Replace, don't just delete

Deleting an anomalous interval leaves a gap the model may read as zero. Better to replace the anomaly with a representative value — the same interval from a comparable normal week — so the series stays continuous and the model trains on a plausible value.

Document every adjustment

Keep a log of what was cleansed, when, and why. An undocumented adjustment is indistinguishable from a data error later, and makes the forecast impossible to audit. The log is also how you build institutional knowledge of recurring anomaly sources.

Cleanse, but don't over-smooth

Real demand is genuinely variable — not every spike is an anomaly.
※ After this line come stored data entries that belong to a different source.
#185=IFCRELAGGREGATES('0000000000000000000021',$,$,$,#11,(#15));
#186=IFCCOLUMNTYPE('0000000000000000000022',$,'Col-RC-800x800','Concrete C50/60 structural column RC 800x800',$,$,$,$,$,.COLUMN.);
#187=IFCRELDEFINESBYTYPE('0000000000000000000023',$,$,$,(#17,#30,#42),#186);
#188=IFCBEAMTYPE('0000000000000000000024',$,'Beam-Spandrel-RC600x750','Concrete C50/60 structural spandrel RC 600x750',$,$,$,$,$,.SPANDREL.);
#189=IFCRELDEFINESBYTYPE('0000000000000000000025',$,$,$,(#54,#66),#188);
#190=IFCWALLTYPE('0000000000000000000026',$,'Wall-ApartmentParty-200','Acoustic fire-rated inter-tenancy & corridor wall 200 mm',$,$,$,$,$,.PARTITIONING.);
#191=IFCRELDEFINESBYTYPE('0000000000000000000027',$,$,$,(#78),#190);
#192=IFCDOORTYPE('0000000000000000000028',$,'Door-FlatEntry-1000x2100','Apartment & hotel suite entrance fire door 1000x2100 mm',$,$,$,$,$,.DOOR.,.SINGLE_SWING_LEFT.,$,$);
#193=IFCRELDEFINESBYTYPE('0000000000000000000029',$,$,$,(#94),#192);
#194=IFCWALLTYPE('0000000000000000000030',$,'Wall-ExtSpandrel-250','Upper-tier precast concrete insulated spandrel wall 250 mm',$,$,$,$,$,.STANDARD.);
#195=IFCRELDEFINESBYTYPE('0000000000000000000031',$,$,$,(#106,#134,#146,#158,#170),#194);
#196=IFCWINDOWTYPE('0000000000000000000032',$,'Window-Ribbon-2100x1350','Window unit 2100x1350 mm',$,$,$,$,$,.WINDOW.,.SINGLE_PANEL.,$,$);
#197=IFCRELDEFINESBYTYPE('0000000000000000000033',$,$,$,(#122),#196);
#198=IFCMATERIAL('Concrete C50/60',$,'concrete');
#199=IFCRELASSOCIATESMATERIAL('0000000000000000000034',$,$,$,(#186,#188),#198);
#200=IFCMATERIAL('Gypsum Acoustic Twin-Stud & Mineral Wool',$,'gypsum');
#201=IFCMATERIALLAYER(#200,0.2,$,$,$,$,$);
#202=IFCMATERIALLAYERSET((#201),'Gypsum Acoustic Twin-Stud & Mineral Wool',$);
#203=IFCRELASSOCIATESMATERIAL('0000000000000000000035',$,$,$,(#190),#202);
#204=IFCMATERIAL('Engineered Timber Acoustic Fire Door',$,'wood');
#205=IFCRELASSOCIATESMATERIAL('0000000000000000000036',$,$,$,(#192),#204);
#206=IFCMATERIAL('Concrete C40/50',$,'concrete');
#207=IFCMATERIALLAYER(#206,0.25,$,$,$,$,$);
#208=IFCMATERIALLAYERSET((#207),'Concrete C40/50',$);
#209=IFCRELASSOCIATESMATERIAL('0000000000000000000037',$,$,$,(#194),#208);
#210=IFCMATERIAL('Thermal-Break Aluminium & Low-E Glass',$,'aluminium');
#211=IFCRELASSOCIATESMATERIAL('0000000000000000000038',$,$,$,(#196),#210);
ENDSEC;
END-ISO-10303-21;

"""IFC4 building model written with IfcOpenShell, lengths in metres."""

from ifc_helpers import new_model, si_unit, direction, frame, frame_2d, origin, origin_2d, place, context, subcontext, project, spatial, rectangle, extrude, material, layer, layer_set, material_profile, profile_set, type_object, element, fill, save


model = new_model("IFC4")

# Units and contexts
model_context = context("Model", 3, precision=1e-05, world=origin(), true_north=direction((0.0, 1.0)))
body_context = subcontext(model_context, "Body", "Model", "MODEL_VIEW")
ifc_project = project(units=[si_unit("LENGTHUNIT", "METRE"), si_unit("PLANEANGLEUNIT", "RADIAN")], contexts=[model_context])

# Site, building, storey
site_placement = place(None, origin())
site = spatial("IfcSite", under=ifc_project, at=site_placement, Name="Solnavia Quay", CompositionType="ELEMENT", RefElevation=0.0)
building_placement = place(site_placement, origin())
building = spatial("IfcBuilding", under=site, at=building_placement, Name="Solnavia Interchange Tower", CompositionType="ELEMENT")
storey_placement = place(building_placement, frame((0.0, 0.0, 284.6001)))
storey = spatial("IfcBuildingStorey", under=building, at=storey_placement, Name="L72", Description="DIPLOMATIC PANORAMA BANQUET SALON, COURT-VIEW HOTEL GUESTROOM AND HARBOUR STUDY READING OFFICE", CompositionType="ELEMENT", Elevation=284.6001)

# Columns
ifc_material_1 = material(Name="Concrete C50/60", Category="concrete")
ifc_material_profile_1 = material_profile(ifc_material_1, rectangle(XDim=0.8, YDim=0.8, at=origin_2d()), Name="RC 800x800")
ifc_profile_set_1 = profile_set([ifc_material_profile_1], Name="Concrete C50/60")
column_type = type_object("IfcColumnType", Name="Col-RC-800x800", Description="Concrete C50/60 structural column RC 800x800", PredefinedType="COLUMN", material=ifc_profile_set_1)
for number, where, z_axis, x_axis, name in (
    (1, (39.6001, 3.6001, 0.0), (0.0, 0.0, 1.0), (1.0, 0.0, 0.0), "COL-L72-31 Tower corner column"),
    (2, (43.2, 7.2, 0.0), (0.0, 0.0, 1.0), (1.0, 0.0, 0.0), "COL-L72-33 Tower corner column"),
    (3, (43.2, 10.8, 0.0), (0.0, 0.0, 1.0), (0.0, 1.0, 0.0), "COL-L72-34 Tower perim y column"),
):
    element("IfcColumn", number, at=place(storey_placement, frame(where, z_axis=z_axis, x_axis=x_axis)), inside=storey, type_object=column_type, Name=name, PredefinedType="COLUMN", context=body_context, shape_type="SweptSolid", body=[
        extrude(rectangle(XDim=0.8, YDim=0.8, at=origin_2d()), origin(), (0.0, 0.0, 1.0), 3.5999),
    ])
Over-aggressive cleansing removes real signal and produces a forecast that is too smooth to capture genuine peaks. Cleanse identifiable, explainable anomalies; leave unexplained-but-plausible variation alone.

Data cleansing questions

Why do you need to cleanse historical data before forecasting contact volume?

Because a forecasting model can't tell genuine demand from a one-off anomaly — it learns a pattern from whatever it is given. An untreated outage day teaches the model that period is naturally quiet (under-forecasting it next time); a one-off spike from a news story or billing error teaches the model to expect a recurring peak (over-forecasting); data gaps can be read as zero demand; double-counted intervals quietly inflate the baseline and cause systematic over-staffing. None are real repeatable patterns, but the model treats them as signal unless cleansed. Cleansing means identifying each anomaly and removing or replacing it (e.g. with the same interval from a comparable normal week) so the model trains only on genuine demand. It is the least glamorous forecasting step and the one that most determines whether the output can be trusted — a sophisticated model trained on dirty data produces confidently wrong forecasts.